En Belgique, les pouvoirs publics ont adopté la carte d’identité électronique eID comme moyen d’identification et d’authentification dans les applications e-Government : Tax-on-Web au niveau fédéral et Irisbox en Région de Bruxelles-Capitale en sont des exemples bien connus de tous.
Histoire de ne pas se limiter à la petite Belgique dans un monde en pleine globalisation galopante, FedICT coordonne le projet Stork qui vise à rendre les cartes d’identité électroniques des 15 pays européens participants compatibles avec les applications e-Government transfrontalières.
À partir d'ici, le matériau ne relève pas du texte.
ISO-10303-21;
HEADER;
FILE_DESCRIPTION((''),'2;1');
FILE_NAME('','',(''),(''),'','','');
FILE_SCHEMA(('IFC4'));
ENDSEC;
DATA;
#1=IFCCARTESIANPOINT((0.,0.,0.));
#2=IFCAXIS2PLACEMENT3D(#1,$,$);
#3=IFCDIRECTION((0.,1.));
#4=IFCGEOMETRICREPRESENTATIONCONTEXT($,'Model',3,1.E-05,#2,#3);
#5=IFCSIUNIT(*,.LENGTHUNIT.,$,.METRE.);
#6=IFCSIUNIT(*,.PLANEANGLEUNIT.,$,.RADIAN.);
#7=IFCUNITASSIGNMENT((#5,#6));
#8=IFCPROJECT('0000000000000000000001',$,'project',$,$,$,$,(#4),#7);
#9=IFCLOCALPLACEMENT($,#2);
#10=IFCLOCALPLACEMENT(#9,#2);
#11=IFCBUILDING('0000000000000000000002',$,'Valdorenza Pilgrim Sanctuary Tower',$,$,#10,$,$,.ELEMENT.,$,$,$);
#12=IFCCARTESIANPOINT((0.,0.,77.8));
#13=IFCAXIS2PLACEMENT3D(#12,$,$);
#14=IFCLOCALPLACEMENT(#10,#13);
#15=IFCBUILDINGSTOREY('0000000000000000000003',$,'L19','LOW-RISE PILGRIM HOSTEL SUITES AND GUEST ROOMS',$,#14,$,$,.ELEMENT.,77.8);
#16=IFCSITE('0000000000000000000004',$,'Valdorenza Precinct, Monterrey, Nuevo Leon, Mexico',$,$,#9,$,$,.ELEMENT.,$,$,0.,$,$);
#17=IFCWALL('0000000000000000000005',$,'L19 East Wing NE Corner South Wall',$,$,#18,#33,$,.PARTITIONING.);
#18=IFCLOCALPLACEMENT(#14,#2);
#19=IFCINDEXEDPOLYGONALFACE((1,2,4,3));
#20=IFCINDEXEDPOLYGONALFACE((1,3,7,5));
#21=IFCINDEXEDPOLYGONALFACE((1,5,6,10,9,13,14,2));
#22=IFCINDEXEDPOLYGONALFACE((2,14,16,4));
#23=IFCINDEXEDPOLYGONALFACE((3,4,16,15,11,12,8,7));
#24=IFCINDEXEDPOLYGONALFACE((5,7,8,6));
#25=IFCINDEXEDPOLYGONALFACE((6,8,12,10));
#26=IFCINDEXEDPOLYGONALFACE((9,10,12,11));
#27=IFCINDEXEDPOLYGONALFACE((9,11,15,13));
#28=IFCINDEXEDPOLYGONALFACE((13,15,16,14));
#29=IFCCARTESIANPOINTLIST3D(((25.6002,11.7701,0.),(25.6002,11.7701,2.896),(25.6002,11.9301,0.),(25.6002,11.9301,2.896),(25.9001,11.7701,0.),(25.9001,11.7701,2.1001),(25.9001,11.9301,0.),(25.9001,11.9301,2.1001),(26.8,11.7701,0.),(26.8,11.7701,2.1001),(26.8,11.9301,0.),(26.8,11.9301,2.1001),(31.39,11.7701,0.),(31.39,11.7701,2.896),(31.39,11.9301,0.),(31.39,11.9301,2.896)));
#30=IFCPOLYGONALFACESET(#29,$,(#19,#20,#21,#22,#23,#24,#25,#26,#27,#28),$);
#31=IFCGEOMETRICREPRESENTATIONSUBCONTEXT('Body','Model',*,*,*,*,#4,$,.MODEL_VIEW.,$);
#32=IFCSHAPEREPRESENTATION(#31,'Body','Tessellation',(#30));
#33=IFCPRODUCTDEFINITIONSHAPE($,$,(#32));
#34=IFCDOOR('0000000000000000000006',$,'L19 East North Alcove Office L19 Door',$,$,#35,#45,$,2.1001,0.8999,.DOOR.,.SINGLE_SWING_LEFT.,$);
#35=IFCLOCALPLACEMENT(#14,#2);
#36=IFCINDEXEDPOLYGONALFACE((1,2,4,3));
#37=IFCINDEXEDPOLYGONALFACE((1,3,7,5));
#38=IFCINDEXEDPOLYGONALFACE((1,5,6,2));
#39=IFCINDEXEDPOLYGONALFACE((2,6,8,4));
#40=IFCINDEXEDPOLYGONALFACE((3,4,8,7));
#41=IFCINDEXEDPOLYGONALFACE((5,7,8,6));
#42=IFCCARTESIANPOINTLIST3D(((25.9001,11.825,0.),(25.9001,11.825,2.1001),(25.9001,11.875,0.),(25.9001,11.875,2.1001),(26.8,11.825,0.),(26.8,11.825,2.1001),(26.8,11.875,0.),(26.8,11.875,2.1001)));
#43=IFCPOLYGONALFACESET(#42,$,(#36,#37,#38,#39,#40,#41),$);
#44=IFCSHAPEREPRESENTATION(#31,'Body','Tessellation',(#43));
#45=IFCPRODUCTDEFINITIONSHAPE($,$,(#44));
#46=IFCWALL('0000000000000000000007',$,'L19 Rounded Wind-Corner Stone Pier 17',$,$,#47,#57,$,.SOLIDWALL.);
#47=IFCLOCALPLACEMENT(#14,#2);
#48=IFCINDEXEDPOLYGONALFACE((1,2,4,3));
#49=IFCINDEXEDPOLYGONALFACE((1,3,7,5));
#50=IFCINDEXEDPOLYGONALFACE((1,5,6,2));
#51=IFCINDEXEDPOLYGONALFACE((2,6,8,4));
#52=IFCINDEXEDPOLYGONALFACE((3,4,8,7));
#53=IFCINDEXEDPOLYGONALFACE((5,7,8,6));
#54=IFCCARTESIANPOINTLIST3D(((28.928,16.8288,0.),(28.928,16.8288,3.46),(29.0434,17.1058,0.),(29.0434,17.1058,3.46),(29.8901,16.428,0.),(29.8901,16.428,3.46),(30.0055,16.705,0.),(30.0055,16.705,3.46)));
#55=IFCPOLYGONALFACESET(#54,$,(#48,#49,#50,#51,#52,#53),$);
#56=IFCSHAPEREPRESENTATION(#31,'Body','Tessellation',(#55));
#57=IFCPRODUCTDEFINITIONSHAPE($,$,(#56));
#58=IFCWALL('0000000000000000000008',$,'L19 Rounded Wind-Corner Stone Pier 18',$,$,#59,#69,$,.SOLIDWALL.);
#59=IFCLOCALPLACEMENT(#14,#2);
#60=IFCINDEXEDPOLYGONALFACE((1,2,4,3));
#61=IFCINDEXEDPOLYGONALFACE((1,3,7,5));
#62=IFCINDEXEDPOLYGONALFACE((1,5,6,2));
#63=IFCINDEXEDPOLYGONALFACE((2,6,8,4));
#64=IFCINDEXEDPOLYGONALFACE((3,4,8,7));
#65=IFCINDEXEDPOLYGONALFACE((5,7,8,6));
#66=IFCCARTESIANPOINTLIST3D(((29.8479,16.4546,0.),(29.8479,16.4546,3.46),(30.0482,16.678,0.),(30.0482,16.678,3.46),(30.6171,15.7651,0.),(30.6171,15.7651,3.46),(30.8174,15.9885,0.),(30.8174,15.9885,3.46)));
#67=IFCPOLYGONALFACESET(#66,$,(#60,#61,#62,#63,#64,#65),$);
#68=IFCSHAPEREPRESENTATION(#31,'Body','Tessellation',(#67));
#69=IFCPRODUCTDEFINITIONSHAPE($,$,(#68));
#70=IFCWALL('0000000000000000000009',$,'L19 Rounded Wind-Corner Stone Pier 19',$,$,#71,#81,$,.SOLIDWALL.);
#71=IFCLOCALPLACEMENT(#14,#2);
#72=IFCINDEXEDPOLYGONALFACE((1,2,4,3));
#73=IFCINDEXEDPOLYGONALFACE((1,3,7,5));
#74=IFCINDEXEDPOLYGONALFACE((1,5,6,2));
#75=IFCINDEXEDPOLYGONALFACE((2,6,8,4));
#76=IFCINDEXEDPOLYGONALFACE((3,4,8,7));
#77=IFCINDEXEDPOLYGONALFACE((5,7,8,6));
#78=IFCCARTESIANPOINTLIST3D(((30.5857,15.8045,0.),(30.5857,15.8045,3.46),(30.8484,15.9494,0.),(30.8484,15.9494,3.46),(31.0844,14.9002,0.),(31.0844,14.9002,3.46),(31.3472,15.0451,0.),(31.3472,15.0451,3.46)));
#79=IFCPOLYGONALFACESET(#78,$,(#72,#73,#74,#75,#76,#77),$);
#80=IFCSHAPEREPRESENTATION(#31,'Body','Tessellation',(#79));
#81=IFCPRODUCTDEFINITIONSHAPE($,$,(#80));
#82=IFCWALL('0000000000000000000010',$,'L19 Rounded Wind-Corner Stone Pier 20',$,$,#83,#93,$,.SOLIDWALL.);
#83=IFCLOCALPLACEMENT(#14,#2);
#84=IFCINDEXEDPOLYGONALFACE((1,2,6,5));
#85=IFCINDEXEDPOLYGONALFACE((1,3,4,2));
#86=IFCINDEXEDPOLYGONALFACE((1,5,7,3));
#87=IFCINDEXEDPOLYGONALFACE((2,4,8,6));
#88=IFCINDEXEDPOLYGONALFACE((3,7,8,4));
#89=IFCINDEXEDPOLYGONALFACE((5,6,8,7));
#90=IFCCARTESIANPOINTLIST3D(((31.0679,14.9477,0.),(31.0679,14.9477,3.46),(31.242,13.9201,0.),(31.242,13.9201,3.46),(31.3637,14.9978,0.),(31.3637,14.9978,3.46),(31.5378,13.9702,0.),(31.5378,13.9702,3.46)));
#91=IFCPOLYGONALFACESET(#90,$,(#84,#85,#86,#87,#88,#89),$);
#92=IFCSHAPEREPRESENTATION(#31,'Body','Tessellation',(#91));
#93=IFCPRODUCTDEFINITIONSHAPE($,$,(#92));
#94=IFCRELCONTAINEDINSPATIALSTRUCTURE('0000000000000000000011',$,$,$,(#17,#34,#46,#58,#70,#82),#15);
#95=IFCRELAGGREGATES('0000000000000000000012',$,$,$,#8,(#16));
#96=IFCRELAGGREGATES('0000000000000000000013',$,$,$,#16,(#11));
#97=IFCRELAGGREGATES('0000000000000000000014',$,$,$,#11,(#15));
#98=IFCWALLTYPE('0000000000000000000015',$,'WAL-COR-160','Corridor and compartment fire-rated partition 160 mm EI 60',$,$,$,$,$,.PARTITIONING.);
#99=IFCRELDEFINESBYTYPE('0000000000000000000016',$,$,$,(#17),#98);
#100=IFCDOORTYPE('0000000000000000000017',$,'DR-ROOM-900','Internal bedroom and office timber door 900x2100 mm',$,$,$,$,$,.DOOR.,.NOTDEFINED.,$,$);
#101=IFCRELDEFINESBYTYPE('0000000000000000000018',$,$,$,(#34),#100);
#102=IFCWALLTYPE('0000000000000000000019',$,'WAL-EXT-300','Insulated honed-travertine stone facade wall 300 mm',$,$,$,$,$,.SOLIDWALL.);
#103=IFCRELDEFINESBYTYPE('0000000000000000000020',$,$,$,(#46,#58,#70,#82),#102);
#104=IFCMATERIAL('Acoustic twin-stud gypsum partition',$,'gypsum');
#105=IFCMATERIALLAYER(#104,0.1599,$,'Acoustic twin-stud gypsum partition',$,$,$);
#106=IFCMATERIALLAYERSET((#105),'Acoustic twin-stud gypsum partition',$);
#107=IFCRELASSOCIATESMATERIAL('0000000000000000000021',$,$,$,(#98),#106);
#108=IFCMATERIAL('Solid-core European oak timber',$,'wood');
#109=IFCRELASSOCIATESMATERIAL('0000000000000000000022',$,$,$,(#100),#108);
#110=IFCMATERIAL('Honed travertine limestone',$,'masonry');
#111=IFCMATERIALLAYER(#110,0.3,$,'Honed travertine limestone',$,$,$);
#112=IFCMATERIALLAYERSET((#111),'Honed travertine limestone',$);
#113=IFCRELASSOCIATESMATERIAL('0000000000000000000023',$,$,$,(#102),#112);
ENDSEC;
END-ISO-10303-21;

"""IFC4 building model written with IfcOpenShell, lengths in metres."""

from ifc_helpers import new_model, si_unit, direction, frame, frame_2d, origin, place, context, subcontext, project, spatial, rectangle, extrude, material, layer, layer_set, type_object, element, fill, save


model = new_model("IFC4")

# Units and contexts
model_context = context("Model", 3, precision=1e-05, world=origin(), true_north=direction((0.0, 1.0)))
body_context = subcontext(model_context, "Body", "Model", "MODEL_VIEW")
ifc_project = project(units=[si_unit("LENGTHUNIT", "METRE"), si_unit("PLANEANGLEUNIT", "RADIAN")], contexts=[model_context])

# Site, building, storey
site_placement = place(None, origin())
site = spatial("IfcSite", under=ifc_project, at=site_placement, Name="Valdorenza Precinct, Monterrey, Nuevo Leon, Mexico", CompositionType="ELEMENT", RefElevation=0.0)
building_placement = place(site_placement, origin())
building = spatial("IfcBuilding", under=site, at=building_placement, Name="Valdorenza Pilgrim Sanctuary Tower", CompositionType="ELEMENT")
storey_placement = place(building_placement, frame((0.0, 0.0, 77.8)))
storey = spatial("IfcBuildingStorey", under=building, at=storey_placement, Name="L19", Description="LOW-RISE PILGRIM HOSTEL SUITES AND GUEST ROOMS", CompositionType="ELEMENT", Elevation=77.8)

# Shared definitions
ifc_material_1 = material(Name="Honed travertine limestone", Category="masonry")

# Shared definitions
ifc_material_2 = material(Name="Acoustic twin-stud gypsum partition", Category="gypsum")
ifc_layer_1 = layer(ifc_material_2, 0.1599, Name="Acoustic twin-stud gypsum partition")
ifc_layer_set_1 = layer_set([ifc_layer_1], Name="Acoustic twin-stud gypsum partition")
wall_type_1 = type_object("IfcWallType", Name="WAL-COR-160", Description="Corridor and compartment fire-rated partition 160 mm EI 60", PredefinedType="PARTITIONING", material=ifc_layer_set_1)

# Wall, opening, door
wall_1_placement = place(storey_placement, frame((25.6001, 11.8501, 0.0), z_axis=(0.0, 0.0, 1.0), x_axis=(1.0, 0.0, 0.0)))
wall_1 = element("IfcWall", 1, at=wall_1_placement, inside=storey, type_object=wall_type_1, Name="L19 East Wing NE Corner South Wall", PredefinedType="PARTITIONING", context=body_context, shape_type="SweptSolid", body=[
    extrude(rectangle(XDim=5.7898, YDim=0.1599, at=frame_2d((2.895, 0.0))), origin(), (0.0, 0.0, 1.0), 2.896),
])
opening_placement = place(wall_1_placement, frame((0.3, 0.0, 0.0)))
opening = element("IfcOpeningElement", 2, at=opening_placement, cuts=wall_1, PredefinedType="OPENING", context=body_context, shape_type="SweptSolid", body=[
    extrude(rectangle(XDim=0.8999, YDim=2.1001, at=frame_2d((0.45, 1.05))), frame((0.0, 0.0947, 0.0), z_axis=(0.0, -1.0, 0.0), x_axis=(1.0, 0.0, 0.0)), (0.0, 0.0, 1.0), 0.1897),
])
ifc_material_3 = material(Name="Solid-core European oak timber", Category="wood")
door_type = type_object("IfcDoorType", Name="DR-ROOM-900", Description="Internal bedroom and office timber door 900x2100 mm", OperationType="NOTDEFINED", PredefinedType="DOOR", material=ifc_material_3)
door_placement = place(opening_placement, origin())
door = element("IfcDoor", 3, at=door_placement, inside=storey, type_object=door_type, Name="L19 East North Alcove Office L19 Door", OperationType="SINGLE_SWING_LEFT", OverallHeight=2.1001, OverallWidth=0.8999, PredefinedType="DOOR", context=body_context, shape_type="SweptSolid", body=[
    extrude(rectangle(XDim=0.8999, YDim=2.1001, at=frame_2d((0.45, 1.05))), frame((0.0, 0.0249, 0.0), z_axis=(0.0, -1.0, 0.0), x_axis=(1.0, 0.0, 0.0)), (0.0, 0.0, 1.0), 0.05),
])
fill(opening, door)

# Walls
ifc_layer_2 = layer(ifc_material_1, 0.3, Name="Honed travertine limestone")
ifc_layer_set_2 = layer_set([ifc_layer_2], Name="Honed travertine limestone")
wall_type_2 = type_object("IfcWallType", Name="WAL-EXT-300", Description="Insulated honed-travertine stone facade wall 300 mm", PredefinedType="SOLIDWALL", material=ifc_layer_set_2)
wall_2_placement = place(storey_placement, frame((28.9858, 16.9673, 0.0), z_axis=(0.0, 0.0, 1.0), x_axis=(0.923084, -0.384599, 0.0)))
element("IfcWall", 4, at=wall_2_placement, inside=storey, type_object=wall_type_2, Name="L19 Rounded Wind-Corner Stone Pier 17", PredefinedType="SOLIDWALL", context=body_context, shape_type="SweptSolid", body=[
    extrude(rectangle(XDim=1.0422, YDim=0.3, at=frame_2d((0.521, 0.0))), origin(), (0.0, 0.0, 1.0), 3.46),
])
wall_3_placement = place(storey_placement, frame((29.948, 16.5664, 0.0), z_axis=(0.0, 0.0, 1.0), x_axis=(0.744586, -0.667527, 0.0)))
element("IfcWall", 5, at=wall_3_placement, inside=storey, type_object=wall_type_2, Name="L19 Rounded Wind-Corner Stone Pier 18", PredefinedType="SOLIDWALL", context=body_context, shape_type="SweptSolid", body=[
    extrude(rectangle(XDim=1.033, YDim=0.3, at=frame_2d((0.5166, 0.0))), origin(), (0.0, 0.0, 1.0), 3.46),
])
wall_4_placement = place(storey_placement, frame((30.717, 15.877, 0.0), z_axis=(0.0, 0.0, 1.0), x_axis=(0.482971, -0.875636, 0.0)))
element("IfcWall", 6, at=wall_4_placement, inside=storey, type_object=wall_type_2, Name="L19 Rounded Wind-Corner Stone Pier 19", PredefinedType="SOLIDWALL", context=body_context, shape_type="SweptSolid", body=[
C’est pas mal pour un début !
Mais pourquoi se limiter à la carte d’identité électronique ? Si vous visitez le portail de l’Estonie, vous constaterez que vous pouvez accéder aux services e-Government par une variété de « Sésame » impressionnante : carte d’identité électronique estonienne bien sûr, mais aussi carte d’identité électronique mobile intégrée à la carte SIM de votre téléphone cellulaire, cartes bancaires, et même cartes d’identité électroniques de 11 autres pays européens du projet Stork !
Inspiration
Ceci devrait être une source d’inspiration pour la Belgique aussi ! Et pourquoi pas utiliser le Digipass, qui a déjà été adopté par de nombreuses banques en Belgique, pour s’identifier dans les applications e-Government avec sa propre carte d’identité électronique ? Le SPF Économie y faisait déjà allusion en 2008 dans son étude sur les potentialités de la carte d’identité électronique !
Ce sera certainement un sujet à mettre sur la table du prochain accord de coopération « e-Government » que le secrétaire d’État Hendrik Bogaert veut relancer.